What we learn gets reflected in what we do. How we apply our knowledge depends on how much thought we give to it. If we were to express ourselves there will be a certain amount of focus on one theme with or without our knowledge. This is because we give more attention to certain themes than others. The reason could be preoccupation with that subject or acquired depth in that area over a long period of time. If you talk more about butterflies, colours or plants frequently it may be that you have more knowledge in those subjects and also that you are drawn to them. In a class students respond with examples to what is being taught. These examples on many occasions are themes of interest to them. They could be characters or sports or science fiction. In this way they get drawn to what is being taught in class.
Selective learning is a bit different from preoccupation with a theme in that it is a choice both at the conscious level and at the unconscious level. Preoccupation with a theme does not mean that learning does not happen in other subjects. In selective learning this is more often the case. But regardless of the nature of individual interest our approach to problem solving is influenced by self-expression one way or the other. If you ask a child to draw and if he/she draws a kite more often it is a form of visual attachment. If a child draws an image that does not represent any object in the real world it is an archetype of his/her imagination. Both are forms of self-expressions. In Schools self-expression is a powerful activity by which teachers can win the trust of students.

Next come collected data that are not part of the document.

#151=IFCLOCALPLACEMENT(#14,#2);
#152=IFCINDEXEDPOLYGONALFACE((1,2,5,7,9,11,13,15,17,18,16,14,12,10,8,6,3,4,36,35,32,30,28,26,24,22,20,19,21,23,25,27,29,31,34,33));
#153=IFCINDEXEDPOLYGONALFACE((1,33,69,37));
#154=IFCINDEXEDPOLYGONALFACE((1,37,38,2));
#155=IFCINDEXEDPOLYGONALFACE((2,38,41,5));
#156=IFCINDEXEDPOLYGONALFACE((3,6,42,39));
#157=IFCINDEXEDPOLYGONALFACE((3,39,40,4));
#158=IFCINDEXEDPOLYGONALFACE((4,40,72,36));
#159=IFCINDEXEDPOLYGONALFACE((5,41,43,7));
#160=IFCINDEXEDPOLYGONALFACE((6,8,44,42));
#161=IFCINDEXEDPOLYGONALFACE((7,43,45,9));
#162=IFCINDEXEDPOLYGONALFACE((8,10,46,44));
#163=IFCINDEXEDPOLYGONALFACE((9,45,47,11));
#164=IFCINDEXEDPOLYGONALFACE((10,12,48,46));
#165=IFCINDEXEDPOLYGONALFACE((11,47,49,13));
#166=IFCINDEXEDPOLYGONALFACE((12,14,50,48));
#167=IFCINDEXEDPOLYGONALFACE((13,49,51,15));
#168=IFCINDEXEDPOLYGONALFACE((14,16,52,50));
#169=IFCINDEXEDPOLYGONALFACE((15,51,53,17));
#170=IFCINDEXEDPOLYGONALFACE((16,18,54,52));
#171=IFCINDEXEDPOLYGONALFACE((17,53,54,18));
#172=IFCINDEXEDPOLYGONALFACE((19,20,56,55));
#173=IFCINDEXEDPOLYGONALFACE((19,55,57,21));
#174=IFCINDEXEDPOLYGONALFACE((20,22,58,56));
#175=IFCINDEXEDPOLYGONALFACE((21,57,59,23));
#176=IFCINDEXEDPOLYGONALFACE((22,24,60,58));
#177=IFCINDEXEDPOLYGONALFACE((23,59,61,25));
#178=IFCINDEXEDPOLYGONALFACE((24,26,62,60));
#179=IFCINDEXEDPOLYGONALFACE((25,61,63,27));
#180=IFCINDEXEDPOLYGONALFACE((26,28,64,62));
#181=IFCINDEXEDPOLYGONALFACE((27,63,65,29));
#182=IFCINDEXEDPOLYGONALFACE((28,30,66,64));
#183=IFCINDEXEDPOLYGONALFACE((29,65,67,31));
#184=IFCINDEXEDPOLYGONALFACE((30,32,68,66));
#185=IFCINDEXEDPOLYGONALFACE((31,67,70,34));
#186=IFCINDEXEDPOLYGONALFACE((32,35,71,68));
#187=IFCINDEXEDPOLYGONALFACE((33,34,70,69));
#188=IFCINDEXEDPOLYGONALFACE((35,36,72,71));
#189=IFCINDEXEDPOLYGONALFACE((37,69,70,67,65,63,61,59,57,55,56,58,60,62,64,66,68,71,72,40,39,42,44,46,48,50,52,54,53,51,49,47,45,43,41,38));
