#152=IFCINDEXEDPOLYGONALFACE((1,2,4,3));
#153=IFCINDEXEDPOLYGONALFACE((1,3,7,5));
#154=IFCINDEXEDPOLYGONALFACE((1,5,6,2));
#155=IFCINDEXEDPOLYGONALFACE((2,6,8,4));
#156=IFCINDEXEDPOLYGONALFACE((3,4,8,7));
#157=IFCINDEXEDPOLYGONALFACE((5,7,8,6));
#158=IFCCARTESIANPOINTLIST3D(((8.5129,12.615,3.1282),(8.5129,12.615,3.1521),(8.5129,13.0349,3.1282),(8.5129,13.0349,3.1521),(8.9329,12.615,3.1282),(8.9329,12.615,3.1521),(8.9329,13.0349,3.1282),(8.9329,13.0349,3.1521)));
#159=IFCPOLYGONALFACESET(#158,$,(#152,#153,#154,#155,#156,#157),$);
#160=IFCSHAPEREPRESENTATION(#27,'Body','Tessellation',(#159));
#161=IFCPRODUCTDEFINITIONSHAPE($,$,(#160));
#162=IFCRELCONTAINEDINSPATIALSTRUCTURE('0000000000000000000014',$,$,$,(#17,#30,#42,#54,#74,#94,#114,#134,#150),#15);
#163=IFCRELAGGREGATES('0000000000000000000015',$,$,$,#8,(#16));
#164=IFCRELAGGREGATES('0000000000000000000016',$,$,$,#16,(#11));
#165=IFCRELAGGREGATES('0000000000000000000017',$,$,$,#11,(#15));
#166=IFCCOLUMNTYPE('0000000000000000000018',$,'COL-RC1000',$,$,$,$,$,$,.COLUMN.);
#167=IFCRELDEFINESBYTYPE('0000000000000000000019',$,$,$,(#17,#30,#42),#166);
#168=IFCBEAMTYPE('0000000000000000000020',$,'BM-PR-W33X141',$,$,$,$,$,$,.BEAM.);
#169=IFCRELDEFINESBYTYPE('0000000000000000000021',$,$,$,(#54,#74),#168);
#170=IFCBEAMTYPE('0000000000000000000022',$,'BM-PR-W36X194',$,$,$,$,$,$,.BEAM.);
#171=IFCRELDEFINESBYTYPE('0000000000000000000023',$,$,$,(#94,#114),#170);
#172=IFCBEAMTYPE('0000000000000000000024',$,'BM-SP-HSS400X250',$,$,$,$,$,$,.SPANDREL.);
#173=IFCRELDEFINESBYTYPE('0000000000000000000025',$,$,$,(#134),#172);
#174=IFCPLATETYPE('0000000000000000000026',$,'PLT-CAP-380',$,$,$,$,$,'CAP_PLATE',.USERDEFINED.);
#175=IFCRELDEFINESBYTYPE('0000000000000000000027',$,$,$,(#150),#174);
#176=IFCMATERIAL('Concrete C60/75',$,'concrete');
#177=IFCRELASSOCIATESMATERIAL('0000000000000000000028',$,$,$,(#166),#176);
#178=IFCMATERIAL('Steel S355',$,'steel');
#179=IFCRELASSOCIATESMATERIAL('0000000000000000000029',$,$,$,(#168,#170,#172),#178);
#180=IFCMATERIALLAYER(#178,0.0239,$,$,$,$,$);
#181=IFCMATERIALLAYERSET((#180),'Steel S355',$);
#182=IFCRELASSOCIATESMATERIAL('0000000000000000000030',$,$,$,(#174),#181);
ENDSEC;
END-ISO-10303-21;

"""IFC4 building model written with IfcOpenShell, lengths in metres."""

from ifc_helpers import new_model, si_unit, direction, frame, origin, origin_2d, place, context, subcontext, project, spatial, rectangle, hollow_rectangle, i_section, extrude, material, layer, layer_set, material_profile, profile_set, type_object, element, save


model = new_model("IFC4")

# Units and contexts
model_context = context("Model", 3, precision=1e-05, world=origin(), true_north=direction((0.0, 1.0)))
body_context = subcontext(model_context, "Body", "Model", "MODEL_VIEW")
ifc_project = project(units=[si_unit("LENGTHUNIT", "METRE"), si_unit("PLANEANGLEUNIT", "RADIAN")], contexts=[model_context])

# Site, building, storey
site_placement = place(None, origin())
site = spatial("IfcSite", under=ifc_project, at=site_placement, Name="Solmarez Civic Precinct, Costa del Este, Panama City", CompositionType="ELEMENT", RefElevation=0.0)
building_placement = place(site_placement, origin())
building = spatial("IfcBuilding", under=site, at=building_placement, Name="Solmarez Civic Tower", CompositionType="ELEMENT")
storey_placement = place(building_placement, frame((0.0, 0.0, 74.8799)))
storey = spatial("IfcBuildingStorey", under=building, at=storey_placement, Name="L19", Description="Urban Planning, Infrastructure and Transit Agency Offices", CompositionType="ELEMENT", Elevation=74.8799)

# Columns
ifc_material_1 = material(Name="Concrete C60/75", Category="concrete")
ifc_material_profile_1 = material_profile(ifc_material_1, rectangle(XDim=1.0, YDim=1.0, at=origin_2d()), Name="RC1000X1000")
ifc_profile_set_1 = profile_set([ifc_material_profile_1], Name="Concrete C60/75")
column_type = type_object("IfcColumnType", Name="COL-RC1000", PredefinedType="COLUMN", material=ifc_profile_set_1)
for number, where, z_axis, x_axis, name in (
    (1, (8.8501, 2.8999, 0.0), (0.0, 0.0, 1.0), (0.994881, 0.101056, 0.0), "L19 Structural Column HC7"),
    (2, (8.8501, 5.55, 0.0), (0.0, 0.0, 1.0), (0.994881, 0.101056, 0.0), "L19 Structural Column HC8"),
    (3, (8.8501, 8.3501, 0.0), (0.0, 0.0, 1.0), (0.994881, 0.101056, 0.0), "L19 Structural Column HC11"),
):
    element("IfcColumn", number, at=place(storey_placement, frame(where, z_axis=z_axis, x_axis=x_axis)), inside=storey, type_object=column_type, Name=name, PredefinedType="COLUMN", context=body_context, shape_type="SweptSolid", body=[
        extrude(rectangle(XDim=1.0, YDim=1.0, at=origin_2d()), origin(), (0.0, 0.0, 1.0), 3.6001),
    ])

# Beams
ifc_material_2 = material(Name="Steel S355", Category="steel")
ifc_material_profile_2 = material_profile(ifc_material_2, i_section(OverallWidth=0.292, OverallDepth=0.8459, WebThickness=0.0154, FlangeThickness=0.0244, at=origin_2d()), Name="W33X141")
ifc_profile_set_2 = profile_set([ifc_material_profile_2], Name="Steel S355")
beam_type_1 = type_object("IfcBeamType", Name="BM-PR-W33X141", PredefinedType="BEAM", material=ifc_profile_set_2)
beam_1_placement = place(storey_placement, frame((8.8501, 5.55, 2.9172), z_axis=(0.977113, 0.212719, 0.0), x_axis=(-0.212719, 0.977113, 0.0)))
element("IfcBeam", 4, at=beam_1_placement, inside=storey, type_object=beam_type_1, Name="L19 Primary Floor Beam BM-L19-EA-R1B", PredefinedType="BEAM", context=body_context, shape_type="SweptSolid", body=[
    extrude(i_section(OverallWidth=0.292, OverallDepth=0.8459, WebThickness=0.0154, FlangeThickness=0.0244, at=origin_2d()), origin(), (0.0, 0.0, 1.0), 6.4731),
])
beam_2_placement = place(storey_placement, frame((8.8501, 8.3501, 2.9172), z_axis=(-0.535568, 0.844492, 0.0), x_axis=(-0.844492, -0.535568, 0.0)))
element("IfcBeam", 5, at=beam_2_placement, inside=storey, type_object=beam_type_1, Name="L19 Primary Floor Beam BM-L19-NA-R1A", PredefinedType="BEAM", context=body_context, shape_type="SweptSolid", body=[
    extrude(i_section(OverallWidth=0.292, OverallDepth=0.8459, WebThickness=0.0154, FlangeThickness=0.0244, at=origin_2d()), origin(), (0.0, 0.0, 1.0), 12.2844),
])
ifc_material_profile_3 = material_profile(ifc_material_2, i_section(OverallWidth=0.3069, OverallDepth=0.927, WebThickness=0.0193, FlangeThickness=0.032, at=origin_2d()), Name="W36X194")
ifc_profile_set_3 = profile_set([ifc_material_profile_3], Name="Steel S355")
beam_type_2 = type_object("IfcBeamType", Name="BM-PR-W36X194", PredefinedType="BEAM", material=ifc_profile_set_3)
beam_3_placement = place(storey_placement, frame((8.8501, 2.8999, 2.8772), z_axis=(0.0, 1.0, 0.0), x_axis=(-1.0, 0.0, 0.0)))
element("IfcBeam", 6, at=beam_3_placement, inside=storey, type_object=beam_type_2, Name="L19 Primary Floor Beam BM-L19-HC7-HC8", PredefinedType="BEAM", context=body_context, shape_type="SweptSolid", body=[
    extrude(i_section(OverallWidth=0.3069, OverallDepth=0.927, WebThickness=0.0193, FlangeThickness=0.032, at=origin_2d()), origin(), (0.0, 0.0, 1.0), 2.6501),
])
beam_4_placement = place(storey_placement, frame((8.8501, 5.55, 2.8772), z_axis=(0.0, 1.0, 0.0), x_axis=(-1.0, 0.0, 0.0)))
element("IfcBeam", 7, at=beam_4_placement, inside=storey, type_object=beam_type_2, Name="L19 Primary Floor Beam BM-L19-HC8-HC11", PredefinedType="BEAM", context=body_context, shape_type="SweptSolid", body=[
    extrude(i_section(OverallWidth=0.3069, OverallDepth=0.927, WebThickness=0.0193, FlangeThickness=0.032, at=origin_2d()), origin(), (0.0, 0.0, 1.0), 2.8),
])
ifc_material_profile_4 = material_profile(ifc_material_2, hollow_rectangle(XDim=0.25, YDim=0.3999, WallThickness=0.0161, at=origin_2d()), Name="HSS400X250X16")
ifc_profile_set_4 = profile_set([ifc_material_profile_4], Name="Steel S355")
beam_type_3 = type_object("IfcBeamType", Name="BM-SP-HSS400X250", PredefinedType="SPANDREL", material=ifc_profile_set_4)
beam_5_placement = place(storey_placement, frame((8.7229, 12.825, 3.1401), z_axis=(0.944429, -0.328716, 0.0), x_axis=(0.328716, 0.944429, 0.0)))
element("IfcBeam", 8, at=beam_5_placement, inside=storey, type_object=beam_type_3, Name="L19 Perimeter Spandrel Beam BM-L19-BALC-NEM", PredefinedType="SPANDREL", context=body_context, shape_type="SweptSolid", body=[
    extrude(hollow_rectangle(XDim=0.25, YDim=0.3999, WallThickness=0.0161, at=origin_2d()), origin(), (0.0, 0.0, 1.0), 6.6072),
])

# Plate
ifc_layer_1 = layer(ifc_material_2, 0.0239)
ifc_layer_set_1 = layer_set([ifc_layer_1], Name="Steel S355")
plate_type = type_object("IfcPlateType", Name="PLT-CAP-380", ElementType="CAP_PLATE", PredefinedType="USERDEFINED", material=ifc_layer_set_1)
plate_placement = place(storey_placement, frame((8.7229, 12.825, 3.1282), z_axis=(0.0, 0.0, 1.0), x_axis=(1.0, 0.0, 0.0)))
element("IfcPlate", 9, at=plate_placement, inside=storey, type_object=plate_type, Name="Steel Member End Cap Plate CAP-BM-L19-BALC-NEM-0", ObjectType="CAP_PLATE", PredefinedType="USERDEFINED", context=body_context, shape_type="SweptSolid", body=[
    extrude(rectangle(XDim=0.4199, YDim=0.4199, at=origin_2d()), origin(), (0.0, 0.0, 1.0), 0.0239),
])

One often makes a mistake with regard to self-expression and that is one thinks it has little to do with subjects like Mathematics. A research done in the distant past indicates that creative mathematicians take to Maths through the mode of self-expression in a not so obvious manner. Self-expression brings different perspectives to problem-solving.

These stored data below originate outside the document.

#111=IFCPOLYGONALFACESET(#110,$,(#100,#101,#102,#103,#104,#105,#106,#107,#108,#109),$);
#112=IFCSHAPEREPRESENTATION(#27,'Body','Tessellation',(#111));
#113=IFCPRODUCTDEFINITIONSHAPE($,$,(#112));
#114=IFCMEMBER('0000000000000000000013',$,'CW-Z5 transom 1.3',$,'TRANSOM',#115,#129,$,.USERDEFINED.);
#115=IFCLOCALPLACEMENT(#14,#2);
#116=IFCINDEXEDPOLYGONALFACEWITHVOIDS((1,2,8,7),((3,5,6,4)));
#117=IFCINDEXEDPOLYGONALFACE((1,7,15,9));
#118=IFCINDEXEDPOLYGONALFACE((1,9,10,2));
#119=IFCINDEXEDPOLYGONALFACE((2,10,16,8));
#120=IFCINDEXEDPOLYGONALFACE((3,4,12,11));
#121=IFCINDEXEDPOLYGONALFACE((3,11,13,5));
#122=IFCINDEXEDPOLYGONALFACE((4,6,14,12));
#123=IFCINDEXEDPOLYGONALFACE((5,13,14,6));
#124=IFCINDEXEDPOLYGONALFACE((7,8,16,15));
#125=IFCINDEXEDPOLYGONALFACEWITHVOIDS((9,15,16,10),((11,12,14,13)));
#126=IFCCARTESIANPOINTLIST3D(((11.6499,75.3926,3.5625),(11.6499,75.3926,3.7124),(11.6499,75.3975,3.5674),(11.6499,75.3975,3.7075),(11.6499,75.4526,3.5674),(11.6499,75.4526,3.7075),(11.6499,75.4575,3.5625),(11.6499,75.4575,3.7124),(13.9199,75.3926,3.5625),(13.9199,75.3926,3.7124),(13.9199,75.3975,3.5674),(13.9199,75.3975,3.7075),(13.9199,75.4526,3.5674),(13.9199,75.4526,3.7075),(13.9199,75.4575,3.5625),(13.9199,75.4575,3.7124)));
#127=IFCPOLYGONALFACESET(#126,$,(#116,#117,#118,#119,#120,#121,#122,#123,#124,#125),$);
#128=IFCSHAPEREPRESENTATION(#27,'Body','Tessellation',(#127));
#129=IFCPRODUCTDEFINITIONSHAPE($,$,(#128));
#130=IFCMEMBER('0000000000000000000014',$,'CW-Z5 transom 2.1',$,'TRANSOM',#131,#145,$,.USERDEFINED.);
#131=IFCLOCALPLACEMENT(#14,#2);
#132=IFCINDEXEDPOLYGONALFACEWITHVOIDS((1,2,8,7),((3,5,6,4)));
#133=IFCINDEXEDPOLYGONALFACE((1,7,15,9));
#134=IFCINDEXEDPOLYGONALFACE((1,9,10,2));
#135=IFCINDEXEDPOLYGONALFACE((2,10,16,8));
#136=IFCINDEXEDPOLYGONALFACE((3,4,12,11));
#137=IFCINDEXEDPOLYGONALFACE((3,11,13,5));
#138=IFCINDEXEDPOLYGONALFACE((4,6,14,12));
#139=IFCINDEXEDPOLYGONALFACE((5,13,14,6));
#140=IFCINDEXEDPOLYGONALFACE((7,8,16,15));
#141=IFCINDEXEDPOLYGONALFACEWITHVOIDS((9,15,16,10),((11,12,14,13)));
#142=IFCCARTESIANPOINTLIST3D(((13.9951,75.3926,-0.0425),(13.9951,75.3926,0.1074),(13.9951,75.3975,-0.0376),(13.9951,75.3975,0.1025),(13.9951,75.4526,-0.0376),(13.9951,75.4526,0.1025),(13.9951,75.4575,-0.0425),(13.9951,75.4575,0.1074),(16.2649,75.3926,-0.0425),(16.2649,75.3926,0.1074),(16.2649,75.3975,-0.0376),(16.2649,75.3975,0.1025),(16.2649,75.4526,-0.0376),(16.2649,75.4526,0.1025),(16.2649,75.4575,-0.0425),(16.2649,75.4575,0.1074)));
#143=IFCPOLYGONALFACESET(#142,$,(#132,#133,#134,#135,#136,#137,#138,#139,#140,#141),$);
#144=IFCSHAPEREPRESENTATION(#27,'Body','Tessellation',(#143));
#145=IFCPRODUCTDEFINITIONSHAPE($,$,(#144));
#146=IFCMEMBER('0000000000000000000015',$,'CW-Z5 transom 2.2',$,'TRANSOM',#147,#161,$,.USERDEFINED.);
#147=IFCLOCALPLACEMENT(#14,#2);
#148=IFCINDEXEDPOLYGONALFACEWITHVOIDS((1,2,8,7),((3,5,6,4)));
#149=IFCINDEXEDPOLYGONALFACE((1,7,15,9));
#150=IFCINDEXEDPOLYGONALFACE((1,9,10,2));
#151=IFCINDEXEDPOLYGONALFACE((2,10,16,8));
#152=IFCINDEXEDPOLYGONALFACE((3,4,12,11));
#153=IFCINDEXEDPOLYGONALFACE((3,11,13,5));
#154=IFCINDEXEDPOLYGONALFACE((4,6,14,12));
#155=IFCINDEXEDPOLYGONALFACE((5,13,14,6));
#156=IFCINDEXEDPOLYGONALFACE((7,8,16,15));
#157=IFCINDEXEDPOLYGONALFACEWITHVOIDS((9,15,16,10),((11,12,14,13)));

This is also one of the reasons why there may be different solutions to a given problem. The reason why teachers restrict students to particular paths to solutions is that they would like to know if children have understood the concepts taught. But this can be used to the advantage of both the teacher and student. By welcoming different paths to a common solution you generate a deep felt interest in the subject in your students. The tutor or teacher needs to keep an open mind as he/she needs the students to do the same.